Алла загорела даже сильнее, чем я. Как только мы поздоровались, она спросила меня, не слышала ли я о Тоне. По её лицу я сразу поняла, что произошло что-то ужасное. Оказалось, Тоня умерла, и почти вся её семья тоже: сначала заразился их отец, потом уже все остальные от него. Может быть, умерли и другие наши подруги — их телефоны сейчас недоступны, но это, возможно, и из-за того, что они уехали в деревни и пока не вернулись в город.
Дорогой Дневник, если честно, я до сих пор не могу поверить тому, что услышала. Тоня была последней из одноклассниц, с которой я разговаривала перед отъездом в Прохоровку, мы даже в кино вместе ходили. Получается, если бы она к тому времени уже заразилась от своего отца, то я тоже запросто могла бы заболеть! Бр-р. Это ужасно, но меня, когда Алла рассказала о смерти Тони, больше напугало именно это, чем судьба подруги. Это же ненормально, да? Мы с Тоней никогда не были хорошими подружками, но всё равно, она была милой девчонкой, никогда не зазнавалась, всегда могла помочь…
Алла жалуется, что отец запрещает ей выходить даже в подъезд, не то что на улицу, и в этот раз он разрешил ей встречу со мной после долгих уговоров. «Зато он перестал пить», — сказала она. В деревне (Алла говорила, как она называется, но я не запомнила) они жили у старшей сестры отца, но, в отличие от нас, у них никакой проблемы с местными не было. Патрули там тоже создавались, но, во-первых, их семья приехала в деревню намного раньше, чем мы в Прохоровку, и все знали, что они не заражены, а во-вторых, сестра отца, как сказала Алла, «держит всю деревню» — в смысле, её там все очень уважают. Так что никто им не угрожал и не выгонял, а вернулись они сами, когда услышали, что в городе стало лучше и зараза почти уже не распространяется.

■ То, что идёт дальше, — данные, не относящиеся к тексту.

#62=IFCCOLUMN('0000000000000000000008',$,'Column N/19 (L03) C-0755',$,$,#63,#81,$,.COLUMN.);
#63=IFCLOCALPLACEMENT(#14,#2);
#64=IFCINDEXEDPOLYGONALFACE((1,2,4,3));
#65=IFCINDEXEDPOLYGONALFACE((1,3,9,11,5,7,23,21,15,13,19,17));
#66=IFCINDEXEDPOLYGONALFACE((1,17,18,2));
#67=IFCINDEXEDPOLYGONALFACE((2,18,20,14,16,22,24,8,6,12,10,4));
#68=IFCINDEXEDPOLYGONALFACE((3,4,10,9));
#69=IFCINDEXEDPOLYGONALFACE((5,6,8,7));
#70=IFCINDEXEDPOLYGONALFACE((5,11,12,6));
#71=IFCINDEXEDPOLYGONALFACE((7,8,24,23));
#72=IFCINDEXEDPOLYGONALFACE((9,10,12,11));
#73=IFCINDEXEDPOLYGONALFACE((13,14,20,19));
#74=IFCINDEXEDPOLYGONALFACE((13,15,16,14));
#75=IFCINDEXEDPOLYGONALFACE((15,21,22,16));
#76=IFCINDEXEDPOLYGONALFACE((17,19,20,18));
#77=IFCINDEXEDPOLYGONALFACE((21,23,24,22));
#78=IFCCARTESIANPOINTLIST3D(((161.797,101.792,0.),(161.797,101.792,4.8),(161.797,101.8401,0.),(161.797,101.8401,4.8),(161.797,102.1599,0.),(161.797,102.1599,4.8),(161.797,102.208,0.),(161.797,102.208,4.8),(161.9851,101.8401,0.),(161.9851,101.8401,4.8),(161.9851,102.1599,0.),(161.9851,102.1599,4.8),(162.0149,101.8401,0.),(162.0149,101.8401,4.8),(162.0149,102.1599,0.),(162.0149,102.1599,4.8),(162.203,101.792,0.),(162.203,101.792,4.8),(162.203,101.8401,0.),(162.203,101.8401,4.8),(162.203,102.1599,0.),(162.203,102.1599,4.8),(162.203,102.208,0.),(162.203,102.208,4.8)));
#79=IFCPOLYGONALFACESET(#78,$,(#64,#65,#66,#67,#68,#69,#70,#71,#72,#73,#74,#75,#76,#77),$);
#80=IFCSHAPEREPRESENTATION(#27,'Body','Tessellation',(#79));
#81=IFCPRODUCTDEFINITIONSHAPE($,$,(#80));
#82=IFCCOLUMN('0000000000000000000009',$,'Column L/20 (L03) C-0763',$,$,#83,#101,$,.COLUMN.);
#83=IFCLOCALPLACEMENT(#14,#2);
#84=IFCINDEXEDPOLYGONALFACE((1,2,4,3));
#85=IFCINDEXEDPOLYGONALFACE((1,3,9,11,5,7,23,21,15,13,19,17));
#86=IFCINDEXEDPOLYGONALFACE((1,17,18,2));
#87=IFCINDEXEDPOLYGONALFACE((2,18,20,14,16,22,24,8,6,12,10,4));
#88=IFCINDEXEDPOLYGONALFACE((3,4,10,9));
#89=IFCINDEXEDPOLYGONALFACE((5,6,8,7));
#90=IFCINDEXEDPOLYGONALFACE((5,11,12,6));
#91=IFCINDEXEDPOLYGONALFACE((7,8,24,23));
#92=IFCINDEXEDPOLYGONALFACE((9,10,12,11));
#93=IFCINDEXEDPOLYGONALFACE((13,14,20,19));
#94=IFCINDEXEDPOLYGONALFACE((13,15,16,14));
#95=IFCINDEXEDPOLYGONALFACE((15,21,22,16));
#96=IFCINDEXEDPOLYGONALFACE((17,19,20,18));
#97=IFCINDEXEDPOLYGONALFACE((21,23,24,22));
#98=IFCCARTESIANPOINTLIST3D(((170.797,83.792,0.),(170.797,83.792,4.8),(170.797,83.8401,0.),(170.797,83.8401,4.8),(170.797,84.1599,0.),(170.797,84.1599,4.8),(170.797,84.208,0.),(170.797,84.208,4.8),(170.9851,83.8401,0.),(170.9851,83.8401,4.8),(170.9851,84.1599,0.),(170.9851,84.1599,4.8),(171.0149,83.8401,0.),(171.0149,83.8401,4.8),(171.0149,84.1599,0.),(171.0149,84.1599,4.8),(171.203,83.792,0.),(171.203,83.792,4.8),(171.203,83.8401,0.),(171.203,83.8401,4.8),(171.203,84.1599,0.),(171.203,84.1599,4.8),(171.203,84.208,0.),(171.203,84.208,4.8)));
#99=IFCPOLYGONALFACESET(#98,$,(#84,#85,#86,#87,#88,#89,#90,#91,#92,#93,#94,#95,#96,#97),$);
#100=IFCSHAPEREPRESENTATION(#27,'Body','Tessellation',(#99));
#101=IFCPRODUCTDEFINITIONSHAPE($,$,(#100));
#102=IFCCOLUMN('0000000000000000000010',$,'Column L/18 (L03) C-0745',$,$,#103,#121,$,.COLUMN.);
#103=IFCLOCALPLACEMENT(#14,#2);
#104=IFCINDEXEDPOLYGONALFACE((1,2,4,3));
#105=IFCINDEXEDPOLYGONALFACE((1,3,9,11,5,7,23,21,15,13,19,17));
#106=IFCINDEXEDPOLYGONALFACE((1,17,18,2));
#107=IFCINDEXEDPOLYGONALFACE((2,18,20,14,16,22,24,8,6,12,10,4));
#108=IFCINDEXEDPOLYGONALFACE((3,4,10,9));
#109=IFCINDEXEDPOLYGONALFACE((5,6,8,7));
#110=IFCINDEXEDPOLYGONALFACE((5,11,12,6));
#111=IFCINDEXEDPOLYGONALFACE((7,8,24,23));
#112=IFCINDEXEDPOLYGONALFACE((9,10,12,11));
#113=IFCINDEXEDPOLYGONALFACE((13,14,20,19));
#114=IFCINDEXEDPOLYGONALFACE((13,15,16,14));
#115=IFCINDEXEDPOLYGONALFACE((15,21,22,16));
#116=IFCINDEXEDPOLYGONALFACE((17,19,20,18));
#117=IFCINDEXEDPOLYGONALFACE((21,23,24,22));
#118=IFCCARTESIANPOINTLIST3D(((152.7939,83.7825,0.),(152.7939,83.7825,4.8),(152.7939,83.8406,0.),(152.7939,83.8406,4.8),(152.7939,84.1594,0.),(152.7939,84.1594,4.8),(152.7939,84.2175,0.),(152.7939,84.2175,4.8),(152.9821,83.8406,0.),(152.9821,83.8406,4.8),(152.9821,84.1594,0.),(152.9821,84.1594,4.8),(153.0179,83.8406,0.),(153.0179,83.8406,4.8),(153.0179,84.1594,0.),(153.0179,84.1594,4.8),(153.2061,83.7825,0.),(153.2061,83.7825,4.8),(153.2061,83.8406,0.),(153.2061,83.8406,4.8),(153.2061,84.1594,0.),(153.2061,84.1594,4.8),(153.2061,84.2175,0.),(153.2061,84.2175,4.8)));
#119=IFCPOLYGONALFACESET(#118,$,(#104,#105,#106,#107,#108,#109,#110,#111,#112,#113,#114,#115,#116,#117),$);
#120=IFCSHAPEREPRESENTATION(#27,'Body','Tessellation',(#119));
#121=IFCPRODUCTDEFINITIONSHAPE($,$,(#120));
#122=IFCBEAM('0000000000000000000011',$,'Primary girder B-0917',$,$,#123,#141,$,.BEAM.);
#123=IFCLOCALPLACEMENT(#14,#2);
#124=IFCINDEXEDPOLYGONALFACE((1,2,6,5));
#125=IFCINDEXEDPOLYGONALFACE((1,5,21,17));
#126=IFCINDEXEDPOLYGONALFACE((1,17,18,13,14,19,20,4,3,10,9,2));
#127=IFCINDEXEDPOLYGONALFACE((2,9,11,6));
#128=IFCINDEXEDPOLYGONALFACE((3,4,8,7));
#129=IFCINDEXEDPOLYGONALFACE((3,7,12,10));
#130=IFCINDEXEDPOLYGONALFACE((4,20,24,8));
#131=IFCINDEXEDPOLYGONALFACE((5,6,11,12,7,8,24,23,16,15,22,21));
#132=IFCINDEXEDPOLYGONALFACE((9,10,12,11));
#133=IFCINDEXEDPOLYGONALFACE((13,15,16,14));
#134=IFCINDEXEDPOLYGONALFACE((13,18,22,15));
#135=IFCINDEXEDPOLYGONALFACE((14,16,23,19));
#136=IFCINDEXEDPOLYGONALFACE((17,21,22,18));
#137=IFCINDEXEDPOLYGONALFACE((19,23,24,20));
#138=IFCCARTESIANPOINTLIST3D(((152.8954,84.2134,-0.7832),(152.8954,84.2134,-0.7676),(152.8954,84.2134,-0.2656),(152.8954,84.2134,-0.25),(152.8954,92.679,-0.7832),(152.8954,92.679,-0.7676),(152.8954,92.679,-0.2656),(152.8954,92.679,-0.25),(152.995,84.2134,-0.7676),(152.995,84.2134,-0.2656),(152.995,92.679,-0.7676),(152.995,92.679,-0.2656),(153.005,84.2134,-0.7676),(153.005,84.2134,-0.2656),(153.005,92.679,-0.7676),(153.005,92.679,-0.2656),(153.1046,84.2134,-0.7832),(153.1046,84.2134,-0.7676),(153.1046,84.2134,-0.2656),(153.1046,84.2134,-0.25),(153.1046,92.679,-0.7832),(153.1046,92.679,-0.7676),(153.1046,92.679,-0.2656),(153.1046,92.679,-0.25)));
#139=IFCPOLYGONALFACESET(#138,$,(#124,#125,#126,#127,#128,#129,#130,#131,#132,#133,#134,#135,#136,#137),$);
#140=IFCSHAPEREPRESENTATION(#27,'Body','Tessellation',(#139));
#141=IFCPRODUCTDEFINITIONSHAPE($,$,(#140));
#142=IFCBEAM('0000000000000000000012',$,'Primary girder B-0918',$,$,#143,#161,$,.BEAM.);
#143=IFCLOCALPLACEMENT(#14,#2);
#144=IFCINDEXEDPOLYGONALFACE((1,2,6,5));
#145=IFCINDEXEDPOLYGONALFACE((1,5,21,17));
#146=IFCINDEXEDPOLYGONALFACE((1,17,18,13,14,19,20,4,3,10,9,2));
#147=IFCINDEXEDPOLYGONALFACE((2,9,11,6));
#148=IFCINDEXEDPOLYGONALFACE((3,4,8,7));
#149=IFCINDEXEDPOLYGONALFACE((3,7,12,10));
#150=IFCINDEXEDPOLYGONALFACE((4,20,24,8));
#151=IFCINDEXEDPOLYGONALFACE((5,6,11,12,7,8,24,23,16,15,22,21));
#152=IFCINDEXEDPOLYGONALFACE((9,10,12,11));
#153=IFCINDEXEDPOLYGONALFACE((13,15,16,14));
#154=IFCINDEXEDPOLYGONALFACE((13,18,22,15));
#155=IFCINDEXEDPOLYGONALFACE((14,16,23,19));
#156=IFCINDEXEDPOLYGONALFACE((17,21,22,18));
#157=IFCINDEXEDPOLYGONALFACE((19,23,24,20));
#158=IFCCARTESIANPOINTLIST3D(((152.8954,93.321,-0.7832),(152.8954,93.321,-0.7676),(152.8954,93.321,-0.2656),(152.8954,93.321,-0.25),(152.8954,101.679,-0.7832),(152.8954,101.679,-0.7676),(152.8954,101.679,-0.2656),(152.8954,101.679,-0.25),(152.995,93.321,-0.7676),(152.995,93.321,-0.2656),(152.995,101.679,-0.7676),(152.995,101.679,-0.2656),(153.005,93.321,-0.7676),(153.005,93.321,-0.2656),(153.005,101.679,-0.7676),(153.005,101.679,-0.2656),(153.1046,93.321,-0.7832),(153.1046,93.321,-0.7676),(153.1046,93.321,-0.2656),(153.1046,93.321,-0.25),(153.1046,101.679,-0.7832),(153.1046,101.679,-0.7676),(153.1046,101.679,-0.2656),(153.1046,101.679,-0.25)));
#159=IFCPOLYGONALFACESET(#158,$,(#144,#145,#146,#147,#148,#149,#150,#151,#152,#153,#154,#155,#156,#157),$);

Возвращаясь обратно домой, я увидела чёрный дым со стороны кирпичного завода. Говорят, там почти каждый день сжигают трупы умерших от ГЧ, потому что хоронить их нельзя — вирус может распространяться дальше. Где-то там рядом зона карантина, куда забирают найденных больных, но почти никто не знает, что там происходит. Во всяком случае, в интернете мало пишут об этом. Одни говорят, что на больных проверяют новые варианты лекарств, другие считают, что ничего с больными не делают — просто запирают на территории и не разрешают им выходить в город, чтобы не заразить здоровых. А кое-кто вообще считает, что людей там просто расстреливают и сжигают — но это уже слишком!